Connecting Visual Studio To SQL Server

[watchdog474]

I am creating a project for school. I basically have to develop a application for a fake company that will help them. I am making an application that will display the employee name, email, e.t.c. I have created the login screen and connected that to the sql server. I am completely lost on how after that login screen display my second data base in SQL that will show the employee information. Any help would be greatly appreciated.
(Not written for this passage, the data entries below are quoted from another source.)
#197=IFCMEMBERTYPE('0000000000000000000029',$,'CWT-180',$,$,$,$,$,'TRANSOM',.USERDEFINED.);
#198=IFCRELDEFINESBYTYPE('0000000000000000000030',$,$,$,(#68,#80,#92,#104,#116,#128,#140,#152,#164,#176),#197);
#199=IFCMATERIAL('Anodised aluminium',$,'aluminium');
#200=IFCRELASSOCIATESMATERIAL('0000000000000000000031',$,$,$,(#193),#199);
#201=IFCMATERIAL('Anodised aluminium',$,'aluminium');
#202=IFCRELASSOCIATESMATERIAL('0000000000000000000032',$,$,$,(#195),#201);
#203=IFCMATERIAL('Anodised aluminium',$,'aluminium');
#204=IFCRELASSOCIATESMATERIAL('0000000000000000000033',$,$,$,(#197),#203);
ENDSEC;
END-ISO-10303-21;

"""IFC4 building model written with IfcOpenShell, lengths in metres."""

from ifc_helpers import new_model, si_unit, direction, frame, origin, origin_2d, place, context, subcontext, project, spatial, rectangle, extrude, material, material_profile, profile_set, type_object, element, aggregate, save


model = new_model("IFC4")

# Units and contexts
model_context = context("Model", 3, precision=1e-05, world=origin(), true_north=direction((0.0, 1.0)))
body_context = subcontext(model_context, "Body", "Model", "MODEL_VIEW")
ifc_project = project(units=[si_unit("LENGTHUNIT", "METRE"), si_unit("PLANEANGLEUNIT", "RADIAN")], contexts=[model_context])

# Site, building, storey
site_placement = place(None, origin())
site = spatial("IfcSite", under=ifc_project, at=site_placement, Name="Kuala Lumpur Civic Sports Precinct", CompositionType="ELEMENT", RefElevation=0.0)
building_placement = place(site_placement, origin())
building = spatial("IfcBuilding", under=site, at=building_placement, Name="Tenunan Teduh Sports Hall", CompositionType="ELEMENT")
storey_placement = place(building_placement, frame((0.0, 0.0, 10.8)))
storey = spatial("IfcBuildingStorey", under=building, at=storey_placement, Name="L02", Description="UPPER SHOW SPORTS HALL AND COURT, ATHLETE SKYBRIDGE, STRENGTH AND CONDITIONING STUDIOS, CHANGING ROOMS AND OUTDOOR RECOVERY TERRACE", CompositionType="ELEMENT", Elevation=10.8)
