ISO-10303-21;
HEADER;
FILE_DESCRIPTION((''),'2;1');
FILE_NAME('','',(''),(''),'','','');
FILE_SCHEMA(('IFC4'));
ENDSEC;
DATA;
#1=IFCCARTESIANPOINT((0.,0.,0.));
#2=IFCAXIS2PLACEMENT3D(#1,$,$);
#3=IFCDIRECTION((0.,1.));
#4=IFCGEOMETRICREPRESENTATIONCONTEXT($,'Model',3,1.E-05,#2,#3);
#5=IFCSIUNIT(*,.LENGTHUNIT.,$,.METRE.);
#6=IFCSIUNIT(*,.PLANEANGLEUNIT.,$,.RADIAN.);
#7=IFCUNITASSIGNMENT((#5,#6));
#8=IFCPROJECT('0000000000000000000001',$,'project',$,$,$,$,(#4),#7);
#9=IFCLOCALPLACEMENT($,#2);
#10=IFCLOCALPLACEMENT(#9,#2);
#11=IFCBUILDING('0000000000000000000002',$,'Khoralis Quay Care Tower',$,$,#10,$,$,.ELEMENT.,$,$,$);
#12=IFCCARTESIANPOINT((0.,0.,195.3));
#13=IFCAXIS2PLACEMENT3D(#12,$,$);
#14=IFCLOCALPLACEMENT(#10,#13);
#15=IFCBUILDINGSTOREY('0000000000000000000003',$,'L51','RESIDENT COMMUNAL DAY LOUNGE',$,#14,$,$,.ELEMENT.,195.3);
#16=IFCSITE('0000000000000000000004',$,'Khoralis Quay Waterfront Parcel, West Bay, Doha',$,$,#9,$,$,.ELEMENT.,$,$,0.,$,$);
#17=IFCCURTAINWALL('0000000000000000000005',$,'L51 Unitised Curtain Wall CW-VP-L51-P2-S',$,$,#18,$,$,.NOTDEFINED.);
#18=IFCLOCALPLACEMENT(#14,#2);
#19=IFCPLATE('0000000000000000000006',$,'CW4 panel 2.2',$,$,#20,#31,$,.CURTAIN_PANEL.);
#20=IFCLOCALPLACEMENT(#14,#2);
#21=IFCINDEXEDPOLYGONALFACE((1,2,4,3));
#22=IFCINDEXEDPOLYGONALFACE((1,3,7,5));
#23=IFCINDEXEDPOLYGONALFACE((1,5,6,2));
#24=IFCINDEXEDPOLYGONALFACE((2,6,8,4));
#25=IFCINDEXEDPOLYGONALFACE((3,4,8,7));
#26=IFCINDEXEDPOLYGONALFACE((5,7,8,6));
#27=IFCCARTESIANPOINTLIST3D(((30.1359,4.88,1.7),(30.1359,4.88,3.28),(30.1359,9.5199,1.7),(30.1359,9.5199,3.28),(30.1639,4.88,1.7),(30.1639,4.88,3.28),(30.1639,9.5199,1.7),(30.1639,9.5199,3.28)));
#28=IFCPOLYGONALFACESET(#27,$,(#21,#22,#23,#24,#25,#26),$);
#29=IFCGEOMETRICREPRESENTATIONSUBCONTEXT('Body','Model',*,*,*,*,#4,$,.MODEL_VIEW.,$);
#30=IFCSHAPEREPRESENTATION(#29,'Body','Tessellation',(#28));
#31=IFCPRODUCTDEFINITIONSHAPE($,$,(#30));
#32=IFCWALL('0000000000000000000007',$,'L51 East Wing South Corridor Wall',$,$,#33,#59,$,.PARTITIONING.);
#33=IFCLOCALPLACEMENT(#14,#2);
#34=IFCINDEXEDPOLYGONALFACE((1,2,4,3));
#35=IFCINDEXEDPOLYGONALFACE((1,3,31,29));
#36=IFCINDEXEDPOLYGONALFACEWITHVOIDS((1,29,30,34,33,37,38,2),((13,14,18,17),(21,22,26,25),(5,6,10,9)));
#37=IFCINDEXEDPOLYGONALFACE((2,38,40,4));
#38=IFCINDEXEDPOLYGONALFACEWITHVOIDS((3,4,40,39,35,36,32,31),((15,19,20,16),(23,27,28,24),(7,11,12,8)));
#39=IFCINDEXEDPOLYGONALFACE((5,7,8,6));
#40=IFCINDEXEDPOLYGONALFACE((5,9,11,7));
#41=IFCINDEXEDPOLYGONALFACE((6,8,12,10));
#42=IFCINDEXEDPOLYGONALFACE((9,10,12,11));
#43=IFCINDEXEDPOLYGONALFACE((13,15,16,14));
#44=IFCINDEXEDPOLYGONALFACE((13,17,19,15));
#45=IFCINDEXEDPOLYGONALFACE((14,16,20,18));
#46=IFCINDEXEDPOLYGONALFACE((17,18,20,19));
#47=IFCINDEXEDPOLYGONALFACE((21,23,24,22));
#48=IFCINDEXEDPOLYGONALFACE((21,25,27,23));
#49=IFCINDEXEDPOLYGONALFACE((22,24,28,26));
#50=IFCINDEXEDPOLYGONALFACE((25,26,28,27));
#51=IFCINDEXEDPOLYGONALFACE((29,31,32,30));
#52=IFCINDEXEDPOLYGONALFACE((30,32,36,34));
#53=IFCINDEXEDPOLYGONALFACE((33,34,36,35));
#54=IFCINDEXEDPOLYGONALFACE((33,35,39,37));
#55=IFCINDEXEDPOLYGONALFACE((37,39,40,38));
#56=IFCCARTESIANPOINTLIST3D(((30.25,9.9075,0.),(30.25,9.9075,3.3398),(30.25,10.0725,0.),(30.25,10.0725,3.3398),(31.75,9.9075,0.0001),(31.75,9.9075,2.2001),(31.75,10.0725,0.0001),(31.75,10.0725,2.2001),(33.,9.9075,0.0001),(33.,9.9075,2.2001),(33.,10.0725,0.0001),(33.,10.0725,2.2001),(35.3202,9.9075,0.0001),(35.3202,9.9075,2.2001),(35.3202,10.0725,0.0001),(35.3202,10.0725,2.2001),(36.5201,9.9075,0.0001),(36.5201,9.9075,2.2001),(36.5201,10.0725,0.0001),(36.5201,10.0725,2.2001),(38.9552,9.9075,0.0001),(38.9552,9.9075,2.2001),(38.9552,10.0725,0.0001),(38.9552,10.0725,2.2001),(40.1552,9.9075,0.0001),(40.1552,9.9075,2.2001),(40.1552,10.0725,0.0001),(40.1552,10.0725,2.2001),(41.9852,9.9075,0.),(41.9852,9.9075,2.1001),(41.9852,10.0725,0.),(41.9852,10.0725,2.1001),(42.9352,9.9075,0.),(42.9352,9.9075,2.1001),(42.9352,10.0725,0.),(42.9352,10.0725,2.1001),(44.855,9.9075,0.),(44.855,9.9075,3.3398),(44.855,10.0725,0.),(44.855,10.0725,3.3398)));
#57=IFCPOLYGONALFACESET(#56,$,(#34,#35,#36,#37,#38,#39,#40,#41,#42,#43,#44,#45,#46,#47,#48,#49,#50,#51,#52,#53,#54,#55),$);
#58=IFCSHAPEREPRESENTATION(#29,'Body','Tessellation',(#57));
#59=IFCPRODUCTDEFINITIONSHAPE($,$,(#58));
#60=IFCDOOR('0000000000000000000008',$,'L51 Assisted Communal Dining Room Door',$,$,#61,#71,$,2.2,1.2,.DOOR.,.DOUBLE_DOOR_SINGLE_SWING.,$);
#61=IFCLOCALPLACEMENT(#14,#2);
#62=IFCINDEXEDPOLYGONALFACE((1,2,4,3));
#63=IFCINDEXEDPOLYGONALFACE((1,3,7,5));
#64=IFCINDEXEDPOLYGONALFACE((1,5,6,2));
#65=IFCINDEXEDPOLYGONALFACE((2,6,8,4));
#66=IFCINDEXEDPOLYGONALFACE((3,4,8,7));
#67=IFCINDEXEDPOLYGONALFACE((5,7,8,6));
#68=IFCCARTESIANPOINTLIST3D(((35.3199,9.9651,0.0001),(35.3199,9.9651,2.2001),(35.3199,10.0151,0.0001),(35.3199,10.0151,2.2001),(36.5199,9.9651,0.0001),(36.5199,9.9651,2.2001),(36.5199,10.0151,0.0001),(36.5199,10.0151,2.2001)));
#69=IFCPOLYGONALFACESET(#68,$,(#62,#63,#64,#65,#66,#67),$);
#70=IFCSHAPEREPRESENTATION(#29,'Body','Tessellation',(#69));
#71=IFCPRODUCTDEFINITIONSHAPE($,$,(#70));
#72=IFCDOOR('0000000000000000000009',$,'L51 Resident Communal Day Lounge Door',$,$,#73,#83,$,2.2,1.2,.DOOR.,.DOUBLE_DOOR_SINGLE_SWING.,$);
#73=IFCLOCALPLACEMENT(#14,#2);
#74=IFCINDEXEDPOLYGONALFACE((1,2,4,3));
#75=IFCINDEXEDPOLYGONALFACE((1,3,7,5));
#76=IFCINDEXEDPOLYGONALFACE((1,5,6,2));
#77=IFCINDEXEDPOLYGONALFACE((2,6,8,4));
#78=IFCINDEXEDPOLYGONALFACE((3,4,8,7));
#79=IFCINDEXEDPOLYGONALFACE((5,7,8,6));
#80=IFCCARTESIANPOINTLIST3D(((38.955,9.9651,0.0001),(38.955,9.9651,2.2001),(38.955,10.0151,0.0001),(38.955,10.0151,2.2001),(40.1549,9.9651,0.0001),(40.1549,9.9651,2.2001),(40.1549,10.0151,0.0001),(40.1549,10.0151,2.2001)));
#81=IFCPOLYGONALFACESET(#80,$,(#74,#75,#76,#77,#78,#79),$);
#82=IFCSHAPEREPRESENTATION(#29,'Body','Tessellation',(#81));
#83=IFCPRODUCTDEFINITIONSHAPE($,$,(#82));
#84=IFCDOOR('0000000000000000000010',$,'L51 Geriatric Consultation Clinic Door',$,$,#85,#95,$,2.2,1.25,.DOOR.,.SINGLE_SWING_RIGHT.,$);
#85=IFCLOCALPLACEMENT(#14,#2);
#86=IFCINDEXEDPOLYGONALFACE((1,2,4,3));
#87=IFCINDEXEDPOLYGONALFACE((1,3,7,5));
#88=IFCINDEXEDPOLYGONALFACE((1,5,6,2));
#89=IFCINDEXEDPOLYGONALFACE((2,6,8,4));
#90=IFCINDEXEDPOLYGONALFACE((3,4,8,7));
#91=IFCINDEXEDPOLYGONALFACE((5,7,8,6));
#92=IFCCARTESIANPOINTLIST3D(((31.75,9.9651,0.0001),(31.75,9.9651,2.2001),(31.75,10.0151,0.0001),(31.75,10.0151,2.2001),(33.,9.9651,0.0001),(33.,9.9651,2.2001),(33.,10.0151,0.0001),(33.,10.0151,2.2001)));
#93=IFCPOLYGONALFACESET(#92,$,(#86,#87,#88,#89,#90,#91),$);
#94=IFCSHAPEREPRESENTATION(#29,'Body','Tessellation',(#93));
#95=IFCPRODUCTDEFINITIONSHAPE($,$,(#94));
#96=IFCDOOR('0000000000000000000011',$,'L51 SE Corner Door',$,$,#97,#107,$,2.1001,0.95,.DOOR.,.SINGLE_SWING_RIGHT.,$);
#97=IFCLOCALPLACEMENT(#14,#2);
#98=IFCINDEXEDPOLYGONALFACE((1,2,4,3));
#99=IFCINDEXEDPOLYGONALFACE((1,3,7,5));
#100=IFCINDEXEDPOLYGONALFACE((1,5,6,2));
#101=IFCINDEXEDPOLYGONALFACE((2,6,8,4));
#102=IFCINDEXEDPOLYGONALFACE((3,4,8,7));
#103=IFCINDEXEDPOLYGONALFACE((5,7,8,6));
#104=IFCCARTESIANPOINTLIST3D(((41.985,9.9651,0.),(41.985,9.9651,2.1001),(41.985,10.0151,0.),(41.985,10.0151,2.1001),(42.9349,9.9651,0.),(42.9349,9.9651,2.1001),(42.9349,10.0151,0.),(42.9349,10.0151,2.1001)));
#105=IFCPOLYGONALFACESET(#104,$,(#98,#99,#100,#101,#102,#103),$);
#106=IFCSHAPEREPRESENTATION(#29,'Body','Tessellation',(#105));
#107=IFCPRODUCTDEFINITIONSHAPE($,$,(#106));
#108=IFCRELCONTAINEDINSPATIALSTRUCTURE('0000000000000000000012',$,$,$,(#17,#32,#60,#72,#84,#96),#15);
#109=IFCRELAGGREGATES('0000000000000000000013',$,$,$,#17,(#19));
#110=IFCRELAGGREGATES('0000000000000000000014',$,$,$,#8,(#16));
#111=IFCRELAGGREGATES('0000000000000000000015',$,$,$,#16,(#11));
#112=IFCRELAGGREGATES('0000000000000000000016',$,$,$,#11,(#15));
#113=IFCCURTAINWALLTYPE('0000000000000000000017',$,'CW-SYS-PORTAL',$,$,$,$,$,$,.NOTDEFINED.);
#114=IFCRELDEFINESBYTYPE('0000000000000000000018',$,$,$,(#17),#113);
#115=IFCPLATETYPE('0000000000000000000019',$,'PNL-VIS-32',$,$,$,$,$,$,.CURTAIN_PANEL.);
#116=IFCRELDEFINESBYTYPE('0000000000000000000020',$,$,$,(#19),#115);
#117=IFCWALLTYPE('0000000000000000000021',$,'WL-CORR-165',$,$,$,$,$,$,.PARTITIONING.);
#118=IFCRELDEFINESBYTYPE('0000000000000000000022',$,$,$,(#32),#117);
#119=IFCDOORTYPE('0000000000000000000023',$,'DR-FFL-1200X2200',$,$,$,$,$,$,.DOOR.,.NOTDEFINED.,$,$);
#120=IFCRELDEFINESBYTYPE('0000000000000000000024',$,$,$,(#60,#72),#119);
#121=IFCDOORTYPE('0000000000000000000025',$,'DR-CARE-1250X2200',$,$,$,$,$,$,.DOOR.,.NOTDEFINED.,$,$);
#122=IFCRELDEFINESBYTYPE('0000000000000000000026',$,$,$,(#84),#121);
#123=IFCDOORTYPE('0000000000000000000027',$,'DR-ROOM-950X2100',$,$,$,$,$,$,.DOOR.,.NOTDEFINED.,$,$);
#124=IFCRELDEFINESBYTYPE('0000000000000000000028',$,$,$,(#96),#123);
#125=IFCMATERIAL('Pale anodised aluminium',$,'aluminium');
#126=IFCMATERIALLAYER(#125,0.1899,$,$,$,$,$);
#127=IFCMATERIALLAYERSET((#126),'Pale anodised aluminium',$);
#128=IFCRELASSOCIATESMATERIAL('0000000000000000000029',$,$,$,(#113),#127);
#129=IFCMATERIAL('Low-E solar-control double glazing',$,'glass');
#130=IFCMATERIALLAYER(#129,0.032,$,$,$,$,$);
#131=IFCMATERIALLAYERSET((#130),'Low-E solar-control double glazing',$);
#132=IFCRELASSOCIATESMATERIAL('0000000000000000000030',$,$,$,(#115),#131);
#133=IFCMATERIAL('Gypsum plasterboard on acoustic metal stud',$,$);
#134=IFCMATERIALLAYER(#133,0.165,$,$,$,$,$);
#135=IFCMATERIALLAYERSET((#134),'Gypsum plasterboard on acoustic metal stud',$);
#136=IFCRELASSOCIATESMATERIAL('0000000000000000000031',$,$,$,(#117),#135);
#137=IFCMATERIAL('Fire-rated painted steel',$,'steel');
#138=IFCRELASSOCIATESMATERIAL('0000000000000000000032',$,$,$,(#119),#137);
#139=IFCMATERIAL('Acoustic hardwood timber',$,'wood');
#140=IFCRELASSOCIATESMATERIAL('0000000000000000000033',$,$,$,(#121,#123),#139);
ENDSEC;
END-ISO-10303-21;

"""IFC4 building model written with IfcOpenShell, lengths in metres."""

from ifc_helpers import new_model, si_unit, direction, frame, frame_2d, origin, origin_2d, place, context, subcontext, project, spatial, rectangle, extrude, source, transform, mapped, material, layer, layer_set, type_object, element, fill, aggregate, save


model = new_model("IFC4")

# Units and contexts
model_context = context("Model", 3, precision=1e-05, world=origin(), true_north=direction((0.0, 1.0)))
body_context = subcontext(model_context, "Body", "Model", "MODEL_VIEW")
ifc_project = project(units=[si_unit("LENGTHUNIT", "METRE"), si_unit("PLANEANGLEUNIT", "RADIAN")], contexts=[model_context])

# Site, building, storey
site_placement = place(None, origin())
site = spatial("IfcSite", under=ifc_project, at=site_placement, Name="Khoralis Quay Waterfront Parcel, West Bay, Doha", CompositionType="ELEMENT", RefElevation=0.0)
building_placement = place(site_placement, origin())
building = spatial("IfcBuilding", under=site, at=building_placement, Name="Khoralis Quay Care Tower", CompositionType="ELEMENT")
storey_placement = place(building_placement, frame((0.0, 0.0, 195.3)))
storey = spatial("IfcBuildingStorey", under=building, at=storey_placement, Name="L51", Description="RESIDENT COMMUNAL DAY LOUNGE", CompositionType="ELEMENT", Elevation=195.3)

# Curtain wall, plate
ifc_material_1 = material(Name="Pale anodised aluminium", Category="aluminium")
ifc_layer_1 = layer(ifc_material_1, 0.1899)
ifc_layer_set_1 = layer_set([ifc_layer_1], Name="Pale anodised aluminium")
curtain_wall_type = type_object("IfcCurtainWallType", Name="CW-SYS-PORTAL", PredefinedType="NOTDEFINED", material=ifc_layer_set_1)
curtain_wall_placement = place(storey_placement, origin())
curtain_wall = element("IfcCurtainWall", 1, at=curtain_wall_placement, inside=storey, type_object=curtain_wall_type, Name="L51 Unitised Curtain Wall CW-VP-L51-P2-S", PredefinedType="NOTDEFINED")
ifc_material_2 = material(Name="Low-E solar-control double glazing", Category="glass")
ifc_layer_2 = layer(ifc_material_2, 0.032)
ifc_layer_set_2 = layer_set([ifc_layer_2], Name="Low-E solar-control double glazing")
plate_type = type_object("IfcPlateType", Name="PNL-VIS-32", PredefinedType="CURTAIN_PANEL", material=ifc_layer_set_2)
shared_shape_1 = source(origin(), body_context, "Body", "SweptSolid", [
I have displayed my code below and deleted out the connection address just to be safe.

Code:

Imports System.Data
Imports System.Data.SqlClient
Public Class Form1
    Private Sub Button1_Click(sender As Object, e As EventArgs) Handles Button1.Click
        Dim con As SqlConnection = New SqlConnection("")
        Dim Cmd As SqlCommand = New SqlCommand("select * from login where username='" + txtUser.Text + "' and password='" + txtPass.Text + "'", con)
        Dim sda As SqlDataAdapter = New SqlDataAdapter(Cmd)
        Dim dt As DataTable = New DataTable()
        sda.Fill(dt)
        If (dt.Rows.Count > 0) Then
            MessageBox.Show("login Success", "information", MessageBoxButtons.OK, MessageBoxIcon.Information)
        Else
            MessageBox.Show("Error", "information", MessageBoxButtons.OK, MessageBoxIcon.Information)
        End If
    End Sub

    Private Sub btnclear_Click(sender As Object, e As EventArgs) Handles btnclear.Click
        txtPass.Clear()
        txtUser.Clear()

    End Sub

    Private Sub btnexit_Click(sender As Object, e As EventArgs) Handles btnexit.Click
        Application.Exit()
    End Sub
End Class

[Shaggy Hiker]

Welcome to the forum. I edited your post to wrap the code in [CODE][/CODE] tags, which you can do by pressing the # button and pasting code between the tags.
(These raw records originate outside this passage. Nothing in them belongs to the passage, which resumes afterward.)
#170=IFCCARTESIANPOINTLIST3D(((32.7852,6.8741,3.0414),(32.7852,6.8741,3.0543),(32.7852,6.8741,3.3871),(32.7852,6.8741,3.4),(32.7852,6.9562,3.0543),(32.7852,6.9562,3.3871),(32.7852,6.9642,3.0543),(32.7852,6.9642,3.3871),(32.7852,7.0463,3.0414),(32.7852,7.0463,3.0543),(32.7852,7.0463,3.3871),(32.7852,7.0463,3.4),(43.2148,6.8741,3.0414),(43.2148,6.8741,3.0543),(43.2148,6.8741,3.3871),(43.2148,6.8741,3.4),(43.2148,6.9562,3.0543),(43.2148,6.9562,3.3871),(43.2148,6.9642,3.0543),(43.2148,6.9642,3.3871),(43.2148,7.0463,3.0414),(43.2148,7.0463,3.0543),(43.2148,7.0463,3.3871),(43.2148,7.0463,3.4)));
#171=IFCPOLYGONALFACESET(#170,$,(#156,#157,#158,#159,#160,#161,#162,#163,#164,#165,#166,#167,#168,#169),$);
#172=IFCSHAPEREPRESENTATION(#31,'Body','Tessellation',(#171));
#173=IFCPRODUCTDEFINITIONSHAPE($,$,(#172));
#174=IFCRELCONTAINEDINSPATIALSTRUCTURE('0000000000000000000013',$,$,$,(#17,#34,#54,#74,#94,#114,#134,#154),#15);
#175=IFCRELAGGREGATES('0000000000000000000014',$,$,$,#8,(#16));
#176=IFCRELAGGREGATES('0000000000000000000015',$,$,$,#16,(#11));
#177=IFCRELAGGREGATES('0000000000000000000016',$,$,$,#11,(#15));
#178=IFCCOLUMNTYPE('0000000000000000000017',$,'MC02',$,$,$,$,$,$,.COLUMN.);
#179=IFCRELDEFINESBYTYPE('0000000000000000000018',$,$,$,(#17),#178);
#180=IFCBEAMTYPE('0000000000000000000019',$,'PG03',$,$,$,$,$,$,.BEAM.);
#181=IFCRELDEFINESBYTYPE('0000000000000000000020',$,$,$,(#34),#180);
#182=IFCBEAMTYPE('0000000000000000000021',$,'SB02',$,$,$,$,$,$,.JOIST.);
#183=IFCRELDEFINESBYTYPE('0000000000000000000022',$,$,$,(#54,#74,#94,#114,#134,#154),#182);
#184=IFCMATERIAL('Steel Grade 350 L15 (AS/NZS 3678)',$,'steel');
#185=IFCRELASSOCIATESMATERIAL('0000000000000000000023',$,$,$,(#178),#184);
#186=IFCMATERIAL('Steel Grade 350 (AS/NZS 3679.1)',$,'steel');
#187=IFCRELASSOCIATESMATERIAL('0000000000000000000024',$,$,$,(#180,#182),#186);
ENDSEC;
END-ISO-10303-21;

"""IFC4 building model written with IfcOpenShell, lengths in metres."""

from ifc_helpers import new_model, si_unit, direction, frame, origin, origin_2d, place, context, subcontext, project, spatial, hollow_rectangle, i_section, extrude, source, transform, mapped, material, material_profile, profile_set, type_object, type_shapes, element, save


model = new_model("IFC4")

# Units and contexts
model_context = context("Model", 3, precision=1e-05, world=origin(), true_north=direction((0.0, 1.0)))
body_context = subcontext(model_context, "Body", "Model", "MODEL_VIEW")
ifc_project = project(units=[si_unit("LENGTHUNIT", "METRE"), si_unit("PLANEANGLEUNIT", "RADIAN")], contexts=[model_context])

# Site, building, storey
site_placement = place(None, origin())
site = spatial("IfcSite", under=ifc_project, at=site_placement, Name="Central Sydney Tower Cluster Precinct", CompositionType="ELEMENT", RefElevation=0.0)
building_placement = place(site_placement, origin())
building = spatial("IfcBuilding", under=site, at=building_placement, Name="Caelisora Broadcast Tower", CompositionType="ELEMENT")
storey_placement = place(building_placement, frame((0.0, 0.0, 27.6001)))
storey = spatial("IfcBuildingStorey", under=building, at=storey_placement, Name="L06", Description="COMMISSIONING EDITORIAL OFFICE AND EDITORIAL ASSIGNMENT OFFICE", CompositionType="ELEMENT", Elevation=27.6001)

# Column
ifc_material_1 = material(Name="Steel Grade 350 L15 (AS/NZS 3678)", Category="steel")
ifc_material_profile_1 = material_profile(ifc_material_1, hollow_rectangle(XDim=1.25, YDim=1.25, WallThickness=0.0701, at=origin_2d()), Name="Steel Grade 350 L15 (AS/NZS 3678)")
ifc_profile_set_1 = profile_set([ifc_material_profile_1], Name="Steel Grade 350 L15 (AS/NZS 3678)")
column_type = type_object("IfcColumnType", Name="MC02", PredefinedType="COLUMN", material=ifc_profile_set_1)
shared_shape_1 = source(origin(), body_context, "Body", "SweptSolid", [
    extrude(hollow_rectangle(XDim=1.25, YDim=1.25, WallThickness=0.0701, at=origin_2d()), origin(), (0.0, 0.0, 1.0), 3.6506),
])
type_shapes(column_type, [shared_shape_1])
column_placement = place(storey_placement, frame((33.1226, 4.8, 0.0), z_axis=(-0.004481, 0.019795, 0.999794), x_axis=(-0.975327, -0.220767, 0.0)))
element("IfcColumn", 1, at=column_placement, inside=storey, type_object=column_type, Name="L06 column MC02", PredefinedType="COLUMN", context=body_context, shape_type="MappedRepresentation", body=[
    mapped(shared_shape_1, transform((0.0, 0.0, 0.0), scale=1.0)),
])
As to the question, things from a database can be displayed in several different types of controls. Listboxes are best if you want to show a single field, while DataGridViews are generally used to show tables of data. There are many options beyond that, so it depends a lot on what you want to show.

However, there are a couple things to point out about the SQL you have written, though they are likely points that you may not have gotten to in a class.

1) It is better to use & rather than + to concatenate strings. Yes, in SQL you have to use +, and in C# you have to use +, but in VB it is better to use &, though + will work. The problem with + in VB is that, if you have Option Strict OFF, then the language might try to turn the strings into numbers and add them, or not. This can cause confusion. With &, the language has no freedom to interpret what you wrote, whereas with +, it could either add or concatenate, and the language may choose to do something other than what you want.

2) Concatenating user entered text directly into a SQL statement opens you up to SQL injection attacks. You aren't likely to encounter many of those at school (though the classic cartoon about SQL injection attacks IS based on a school), but it's something you should be aware of. You should be using parameters rather than concatenating the strings into the SQL. Parameters will clean up any malicious text. Concatenating text remains a remarkably common mistake, though, so it's best to learn it the right way up front.

[kareninstructor]

Best practices

Place database operations in a separate class

For SELECT statement, never use *, always specify only the columns needed.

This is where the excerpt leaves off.